Enrollment: Due to the nature of the seminar, enrollment will have to be strictly limited.  If too many students want to take the course (despite the frequent writing assignments — see “written work,” below), I will take information from each student at the first meeting on Jan. 12, and post the names of those who are admitted on Jan. 13.

Instructor’s Office hours: M, 9:30-11:00; CT 410

Book: Perceiving God will be available at Book Haven, 290 York Street.

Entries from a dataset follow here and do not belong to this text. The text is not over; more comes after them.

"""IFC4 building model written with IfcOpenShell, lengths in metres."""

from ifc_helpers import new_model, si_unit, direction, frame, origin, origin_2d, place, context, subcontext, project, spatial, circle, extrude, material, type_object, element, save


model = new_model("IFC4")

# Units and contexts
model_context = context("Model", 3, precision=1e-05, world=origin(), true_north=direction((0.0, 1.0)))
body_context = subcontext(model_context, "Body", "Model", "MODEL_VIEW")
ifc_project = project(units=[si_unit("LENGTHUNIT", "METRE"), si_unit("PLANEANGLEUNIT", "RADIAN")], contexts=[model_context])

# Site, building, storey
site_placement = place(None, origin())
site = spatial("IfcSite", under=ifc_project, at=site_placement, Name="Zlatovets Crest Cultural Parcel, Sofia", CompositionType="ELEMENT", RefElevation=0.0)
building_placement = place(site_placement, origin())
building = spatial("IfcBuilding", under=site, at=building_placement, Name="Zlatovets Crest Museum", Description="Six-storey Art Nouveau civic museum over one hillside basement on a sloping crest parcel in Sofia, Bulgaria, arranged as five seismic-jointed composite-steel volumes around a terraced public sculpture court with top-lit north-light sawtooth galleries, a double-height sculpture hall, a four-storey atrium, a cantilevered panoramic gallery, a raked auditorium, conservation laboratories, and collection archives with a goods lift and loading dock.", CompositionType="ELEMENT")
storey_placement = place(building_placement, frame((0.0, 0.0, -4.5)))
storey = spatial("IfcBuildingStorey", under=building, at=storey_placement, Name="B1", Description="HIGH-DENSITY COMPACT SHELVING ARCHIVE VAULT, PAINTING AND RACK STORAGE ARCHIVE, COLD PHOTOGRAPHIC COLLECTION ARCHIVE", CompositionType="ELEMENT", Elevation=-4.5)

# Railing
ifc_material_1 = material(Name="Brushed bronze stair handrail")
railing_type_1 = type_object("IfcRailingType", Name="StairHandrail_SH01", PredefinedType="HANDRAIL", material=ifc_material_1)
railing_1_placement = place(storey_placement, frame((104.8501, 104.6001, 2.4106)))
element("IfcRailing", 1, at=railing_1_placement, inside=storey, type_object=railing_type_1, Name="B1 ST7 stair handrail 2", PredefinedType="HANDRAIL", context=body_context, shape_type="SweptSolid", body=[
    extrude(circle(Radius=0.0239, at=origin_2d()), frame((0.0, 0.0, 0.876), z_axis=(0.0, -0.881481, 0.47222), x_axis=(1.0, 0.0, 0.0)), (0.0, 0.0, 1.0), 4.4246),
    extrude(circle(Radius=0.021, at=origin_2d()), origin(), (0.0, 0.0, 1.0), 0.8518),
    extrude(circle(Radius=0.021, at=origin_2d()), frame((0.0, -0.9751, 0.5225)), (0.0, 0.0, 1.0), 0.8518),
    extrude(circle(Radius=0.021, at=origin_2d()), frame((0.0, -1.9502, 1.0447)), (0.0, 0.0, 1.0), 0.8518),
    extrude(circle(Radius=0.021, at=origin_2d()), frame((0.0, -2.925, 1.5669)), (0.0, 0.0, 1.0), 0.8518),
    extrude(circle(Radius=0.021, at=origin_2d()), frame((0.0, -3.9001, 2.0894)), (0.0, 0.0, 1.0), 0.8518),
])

Written Work. Written requirements will consist of a 2-3 page paper proposal, due on Monday, Feb. 28, by 4:00; a penultimate draft of a 10-15 page course paper, due on Monday, April 11, by 4:00; the course paper itself, due Wednesday, April 20, at the start of our seminar meeting (if you don’t wish to make any changes to the draft of the paper, then you needn’t turn anything in on April 20; if nothing is turned in then, the draft automatically becomes the final version of the paper); and regular weekly writing assignments, described below.
Beggining the second week of classes, except where noted in the Schedule below, there will be a be a regular short writing assignment for each meeting of our seminar, due on the day before the seminar meets (Tuesday), by 4:00.  These regular writing assignments will consist of two parts: an approximately two-page summary of the reading assigned for that week, and approximately two pages of critical commentary.  The commentary should substantially concern the new reading material for the week, and can, if you wish, be wholly about that new material, but it can also, if you wish, relate the new material to previously assigned readings, or to related material that you have read that is not assigned for the course.
All writing assignments must be completed to pass the course.

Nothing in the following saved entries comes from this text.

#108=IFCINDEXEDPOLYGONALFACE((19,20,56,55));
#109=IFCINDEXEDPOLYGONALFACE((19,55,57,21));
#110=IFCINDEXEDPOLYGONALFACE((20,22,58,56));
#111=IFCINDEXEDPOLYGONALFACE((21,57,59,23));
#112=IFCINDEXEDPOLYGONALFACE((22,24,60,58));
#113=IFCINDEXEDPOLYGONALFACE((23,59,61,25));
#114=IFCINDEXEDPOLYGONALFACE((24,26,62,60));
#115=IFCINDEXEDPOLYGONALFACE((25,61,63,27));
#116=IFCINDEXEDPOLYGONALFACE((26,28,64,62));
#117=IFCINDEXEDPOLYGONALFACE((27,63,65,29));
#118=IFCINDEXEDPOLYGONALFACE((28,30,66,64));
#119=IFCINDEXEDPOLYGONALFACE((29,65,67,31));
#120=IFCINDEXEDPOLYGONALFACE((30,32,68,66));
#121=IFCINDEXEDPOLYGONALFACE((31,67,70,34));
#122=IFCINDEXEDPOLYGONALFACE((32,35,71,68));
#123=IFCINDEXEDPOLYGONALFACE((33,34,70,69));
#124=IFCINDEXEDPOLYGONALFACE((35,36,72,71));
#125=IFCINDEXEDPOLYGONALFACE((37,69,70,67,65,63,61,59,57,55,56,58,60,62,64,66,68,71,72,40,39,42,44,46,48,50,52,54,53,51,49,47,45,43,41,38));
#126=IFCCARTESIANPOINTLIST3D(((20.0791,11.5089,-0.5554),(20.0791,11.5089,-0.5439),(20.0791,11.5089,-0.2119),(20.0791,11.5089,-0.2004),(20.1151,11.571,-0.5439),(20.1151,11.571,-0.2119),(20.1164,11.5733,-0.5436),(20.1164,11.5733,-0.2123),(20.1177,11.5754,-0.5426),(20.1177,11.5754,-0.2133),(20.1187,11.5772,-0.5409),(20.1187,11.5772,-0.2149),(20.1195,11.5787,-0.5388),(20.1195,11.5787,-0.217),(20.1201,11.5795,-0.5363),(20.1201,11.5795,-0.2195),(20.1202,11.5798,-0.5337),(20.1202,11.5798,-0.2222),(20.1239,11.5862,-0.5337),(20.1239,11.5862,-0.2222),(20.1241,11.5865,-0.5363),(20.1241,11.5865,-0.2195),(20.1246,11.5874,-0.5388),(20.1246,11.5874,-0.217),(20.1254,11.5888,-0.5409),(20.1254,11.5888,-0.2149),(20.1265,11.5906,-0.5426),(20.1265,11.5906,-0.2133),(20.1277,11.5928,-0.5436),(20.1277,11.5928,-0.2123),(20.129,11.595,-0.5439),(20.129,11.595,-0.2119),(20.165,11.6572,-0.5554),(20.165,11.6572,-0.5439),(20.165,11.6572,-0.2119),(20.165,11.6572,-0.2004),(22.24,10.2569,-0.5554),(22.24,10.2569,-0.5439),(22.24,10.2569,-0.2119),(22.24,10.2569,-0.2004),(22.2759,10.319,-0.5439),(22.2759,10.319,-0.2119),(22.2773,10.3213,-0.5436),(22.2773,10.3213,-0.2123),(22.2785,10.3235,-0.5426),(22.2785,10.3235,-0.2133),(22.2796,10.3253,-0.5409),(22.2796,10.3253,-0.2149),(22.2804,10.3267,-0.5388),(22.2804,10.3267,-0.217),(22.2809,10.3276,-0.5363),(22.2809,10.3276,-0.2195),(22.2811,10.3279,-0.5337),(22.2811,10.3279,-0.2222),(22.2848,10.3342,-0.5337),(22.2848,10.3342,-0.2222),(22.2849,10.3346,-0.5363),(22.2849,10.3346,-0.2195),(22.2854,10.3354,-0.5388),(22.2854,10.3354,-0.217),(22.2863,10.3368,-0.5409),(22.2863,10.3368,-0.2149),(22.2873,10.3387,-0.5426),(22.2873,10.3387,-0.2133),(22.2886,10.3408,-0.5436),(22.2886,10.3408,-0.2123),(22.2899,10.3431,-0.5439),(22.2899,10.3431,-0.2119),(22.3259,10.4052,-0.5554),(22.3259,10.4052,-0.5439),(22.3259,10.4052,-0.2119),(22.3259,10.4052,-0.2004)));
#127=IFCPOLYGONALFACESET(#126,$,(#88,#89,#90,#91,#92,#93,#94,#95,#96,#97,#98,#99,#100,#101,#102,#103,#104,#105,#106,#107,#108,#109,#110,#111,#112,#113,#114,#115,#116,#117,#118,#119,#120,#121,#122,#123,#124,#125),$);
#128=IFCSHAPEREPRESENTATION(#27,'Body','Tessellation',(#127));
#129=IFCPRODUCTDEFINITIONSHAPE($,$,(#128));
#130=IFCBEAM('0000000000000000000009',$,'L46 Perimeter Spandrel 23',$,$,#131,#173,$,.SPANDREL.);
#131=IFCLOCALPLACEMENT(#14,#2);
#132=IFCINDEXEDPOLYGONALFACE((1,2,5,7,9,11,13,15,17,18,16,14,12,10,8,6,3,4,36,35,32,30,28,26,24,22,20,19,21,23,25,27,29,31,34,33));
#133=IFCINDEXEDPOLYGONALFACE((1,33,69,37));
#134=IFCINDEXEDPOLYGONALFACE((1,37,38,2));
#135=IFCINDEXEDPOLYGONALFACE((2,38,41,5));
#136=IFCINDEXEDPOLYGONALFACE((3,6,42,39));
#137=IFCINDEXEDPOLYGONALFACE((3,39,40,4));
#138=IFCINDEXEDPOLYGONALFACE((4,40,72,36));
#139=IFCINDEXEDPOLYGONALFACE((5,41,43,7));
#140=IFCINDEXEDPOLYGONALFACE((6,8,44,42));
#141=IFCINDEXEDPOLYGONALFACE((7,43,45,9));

Other course requirements: Regular attendance of seminar meetings.

Topics, Readings and Tentative Schedule:

Jan. 12: Course Introduction
Read, if possible: Plantinga, “Is Belief in God Properly Basic?”, Noûs 15 (1981): 41-51 [link] (This is a link to a pdf document on JSTOR, a subscriber service.  Yale subscribes, so if you get your internet access through Yale, you should be able to access it.)
No writing assignment.

Jan. 19: Alston’s Parity Argument from the 80s
Read: Alston, “Religious Experience and Religious Belief,” Noûs 16 (1982): 3-12 [link]; and DeRose, “Direct Warrant Realism” [word, pdf].

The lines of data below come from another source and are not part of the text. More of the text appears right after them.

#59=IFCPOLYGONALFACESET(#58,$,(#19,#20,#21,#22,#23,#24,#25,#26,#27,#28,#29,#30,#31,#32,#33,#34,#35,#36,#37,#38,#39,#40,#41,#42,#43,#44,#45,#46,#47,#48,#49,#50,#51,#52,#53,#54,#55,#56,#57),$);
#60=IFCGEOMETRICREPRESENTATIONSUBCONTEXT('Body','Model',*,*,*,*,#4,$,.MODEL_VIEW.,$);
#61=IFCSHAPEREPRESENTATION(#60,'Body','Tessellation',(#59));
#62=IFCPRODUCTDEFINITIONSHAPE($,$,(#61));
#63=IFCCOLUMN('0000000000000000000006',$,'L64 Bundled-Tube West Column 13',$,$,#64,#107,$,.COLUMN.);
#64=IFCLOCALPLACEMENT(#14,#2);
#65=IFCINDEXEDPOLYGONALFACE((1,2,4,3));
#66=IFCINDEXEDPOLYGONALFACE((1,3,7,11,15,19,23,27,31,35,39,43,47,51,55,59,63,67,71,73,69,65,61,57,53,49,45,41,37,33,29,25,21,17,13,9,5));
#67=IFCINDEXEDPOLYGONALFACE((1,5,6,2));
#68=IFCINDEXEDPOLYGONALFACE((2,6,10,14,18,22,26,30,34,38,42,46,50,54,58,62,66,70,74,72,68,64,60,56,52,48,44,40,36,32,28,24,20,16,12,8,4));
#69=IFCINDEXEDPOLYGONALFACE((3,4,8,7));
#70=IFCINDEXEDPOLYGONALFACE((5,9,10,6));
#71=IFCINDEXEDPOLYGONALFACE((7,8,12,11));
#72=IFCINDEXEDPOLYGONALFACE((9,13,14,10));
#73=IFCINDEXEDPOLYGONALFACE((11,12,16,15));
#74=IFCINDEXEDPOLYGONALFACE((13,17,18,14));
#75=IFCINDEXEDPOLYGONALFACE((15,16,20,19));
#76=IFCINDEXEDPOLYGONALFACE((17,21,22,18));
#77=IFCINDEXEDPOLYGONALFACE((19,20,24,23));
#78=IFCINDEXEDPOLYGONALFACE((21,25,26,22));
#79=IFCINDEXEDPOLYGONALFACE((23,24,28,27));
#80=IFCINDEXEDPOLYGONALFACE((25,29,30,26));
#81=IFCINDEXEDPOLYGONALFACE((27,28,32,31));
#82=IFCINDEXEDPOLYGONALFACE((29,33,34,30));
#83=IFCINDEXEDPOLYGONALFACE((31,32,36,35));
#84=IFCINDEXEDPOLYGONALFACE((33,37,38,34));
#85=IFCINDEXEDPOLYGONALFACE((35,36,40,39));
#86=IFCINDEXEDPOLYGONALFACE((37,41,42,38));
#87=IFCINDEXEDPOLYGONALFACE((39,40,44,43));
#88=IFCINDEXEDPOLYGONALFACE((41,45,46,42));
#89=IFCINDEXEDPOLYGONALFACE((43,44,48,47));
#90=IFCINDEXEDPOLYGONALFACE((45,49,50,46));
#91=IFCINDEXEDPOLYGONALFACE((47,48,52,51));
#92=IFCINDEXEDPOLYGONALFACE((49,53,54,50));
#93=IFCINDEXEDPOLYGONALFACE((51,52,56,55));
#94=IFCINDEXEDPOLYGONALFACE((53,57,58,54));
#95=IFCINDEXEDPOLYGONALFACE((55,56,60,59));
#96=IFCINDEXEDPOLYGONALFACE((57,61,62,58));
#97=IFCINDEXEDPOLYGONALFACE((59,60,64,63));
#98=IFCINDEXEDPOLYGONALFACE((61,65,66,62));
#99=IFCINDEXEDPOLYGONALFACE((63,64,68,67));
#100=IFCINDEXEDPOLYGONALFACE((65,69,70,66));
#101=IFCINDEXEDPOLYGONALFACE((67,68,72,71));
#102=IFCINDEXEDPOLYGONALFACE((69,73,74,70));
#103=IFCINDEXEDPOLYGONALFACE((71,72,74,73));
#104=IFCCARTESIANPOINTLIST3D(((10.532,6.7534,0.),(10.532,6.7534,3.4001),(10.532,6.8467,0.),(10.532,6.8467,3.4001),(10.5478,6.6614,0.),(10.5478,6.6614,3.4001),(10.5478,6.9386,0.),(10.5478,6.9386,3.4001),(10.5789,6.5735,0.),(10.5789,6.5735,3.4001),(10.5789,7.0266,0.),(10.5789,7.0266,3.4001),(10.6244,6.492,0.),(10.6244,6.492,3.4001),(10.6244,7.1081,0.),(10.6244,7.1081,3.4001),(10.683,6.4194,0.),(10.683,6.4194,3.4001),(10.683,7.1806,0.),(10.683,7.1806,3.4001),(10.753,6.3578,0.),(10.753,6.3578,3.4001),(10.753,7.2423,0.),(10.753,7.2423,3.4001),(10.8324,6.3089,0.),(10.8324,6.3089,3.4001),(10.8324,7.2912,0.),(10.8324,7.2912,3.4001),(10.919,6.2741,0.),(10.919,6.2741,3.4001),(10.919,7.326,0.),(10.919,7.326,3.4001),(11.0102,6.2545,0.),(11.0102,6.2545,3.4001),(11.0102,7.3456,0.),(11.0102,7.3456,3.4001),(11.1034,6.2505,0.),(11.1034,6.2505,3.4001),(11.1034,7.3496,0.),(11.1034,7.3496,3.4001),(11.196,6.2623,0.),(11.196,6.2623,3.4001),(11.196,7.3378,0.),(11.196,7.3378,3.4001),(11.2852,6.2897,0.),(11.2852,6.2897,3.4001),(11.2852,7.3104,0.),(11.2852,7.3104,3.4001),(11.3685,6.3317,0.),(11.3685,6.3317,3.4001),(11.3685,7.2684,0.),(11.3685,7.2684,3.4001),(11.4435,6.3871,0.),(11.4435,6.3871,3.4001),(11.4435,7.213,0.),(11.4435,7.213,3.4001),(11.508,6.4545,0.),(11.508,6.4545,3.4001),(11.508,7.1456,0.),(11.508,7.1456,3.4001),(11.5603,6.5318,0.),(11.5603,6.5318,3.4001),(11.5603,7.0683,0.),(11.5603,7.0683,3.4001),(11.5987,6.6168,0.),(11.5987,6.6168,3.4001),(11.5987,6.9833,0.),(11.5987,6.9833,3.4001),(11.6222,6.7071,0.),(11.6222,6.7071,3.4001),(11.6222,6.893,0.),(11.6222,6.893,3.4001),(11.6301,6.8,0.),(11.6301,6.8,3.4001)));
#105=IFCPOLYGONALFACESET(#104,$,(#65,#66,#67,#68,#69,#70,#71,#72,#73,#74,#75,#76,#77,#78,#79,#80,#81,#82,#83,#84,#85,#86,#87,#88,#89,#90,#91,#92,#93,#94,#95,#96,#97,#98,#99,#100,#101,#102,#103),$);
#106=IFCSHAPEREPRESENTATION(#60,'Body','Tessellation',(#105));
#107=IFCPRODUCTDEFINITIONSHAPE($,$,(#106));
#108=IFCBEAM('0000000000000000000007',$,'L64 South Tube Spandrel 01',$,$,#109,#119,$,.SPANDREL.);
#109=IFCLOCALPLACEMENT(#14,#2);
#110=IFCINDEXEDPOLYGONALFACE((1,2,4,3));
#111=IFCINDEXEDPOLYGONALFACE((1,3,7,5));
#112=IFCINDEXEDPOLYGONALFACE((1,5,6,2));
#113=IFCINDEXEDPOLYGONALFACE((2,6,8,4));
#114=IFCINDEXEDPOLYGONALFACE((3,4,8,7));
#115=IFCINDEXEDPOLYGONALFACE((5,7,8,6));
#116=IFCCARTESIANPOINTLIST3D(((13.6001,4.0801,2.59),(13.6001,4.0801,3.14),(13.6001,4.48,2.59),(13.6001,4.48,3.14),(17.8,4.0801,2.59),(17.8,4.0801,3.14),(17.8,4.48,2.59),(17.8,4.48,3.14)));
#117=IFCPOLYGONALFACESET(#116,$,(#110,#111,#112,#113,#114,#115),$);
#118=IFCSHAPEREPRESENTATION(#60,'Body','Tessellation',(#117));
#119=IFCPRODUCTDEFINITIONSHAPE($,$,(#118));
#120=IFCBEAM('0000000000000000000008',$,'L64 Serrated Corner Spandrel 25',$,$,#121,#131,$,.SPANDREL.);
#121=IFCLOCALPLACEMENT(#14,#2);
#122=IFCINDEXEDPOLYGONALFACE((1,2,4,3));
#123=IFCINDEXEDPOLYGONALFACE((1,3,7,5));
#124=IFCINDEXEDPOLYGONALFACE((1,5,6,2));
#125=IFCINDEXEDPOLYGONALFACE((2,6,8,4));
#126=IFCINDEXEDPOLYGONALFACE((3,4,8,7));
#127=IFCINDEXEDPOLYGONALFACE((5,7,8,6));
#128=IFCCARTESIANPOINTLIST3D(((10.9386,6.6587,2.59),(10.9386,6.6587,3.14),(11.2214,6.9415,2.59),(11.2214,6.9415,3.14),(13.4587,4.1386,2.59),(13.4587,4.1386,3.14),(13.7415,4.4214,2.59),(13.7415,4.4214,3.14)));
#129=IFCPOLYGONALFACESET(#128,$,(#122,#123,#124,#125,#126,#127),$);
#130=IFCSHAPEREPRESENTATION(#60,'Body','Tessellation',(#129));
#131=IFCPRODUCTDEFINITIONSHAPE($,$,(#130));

Jan. 26: PPR Symposium on Perceiving God
Read: Introduction (pp. 1-8) to Perceiving God; and the PPR Symposium: Alston’s Precis [link]; comments by Gale [link], Pappas [link], and Adams [link]; and Alston’s replies [link]

Feb. 2: Chapter 1: The Experience of God: A Perceptual Model

Feb. 9: Chapter 2: Epistemic Justification: Perceptual and Otherwise

Feb. 16: Chapter 3: The Reliability of Sense Perception: A Case Study

Feb. 23: Chapter 4: A “Doxastic Practice” Approach to Epistemology

March 2: Chapter 4, continued
Writing: No regular writing assignment.  But paper proposals are due on Monday, Feb. 28, by 4:00 PM.

March 23: Chapter 5: The Christian Mystical Perceptual Doxastic Practice
Do your writing assignment for chapter 5 either on the week of the 23rd, or of the 30th — your choice.  Take the other week off from these assignments.*

March 30: Chapter 5, continued
Do your writing assignment for chapter 5 either on the week of the 23rd, or of the 30th — your choice.  Take the other week off from these assignments.*

April 6: Chapter 6: Can the Christian Mystical Perceptual Doxastic Practice Be Shown to Be Unreliable?

April 13: Chapter 7: The Problem of Religious Diversity
Writing: No regular writing assignment.  Paper drafts due Monday, April 11, by 4:00 PM.

April 20: Chapter 8: The Place of Experience in the Grounds of Religious Belief
Writing: No regular writing assignment.  Papers are due by 4:00, Monday, 4/25, if changes have been made to the draft. (Note that this is a change: papers were due by 4/20 on the original syllabus.)  Please submit final course papers in paper, rather than electronically.  If nothing is submitted by the due time, the draft automatically becomes the final version of the paper.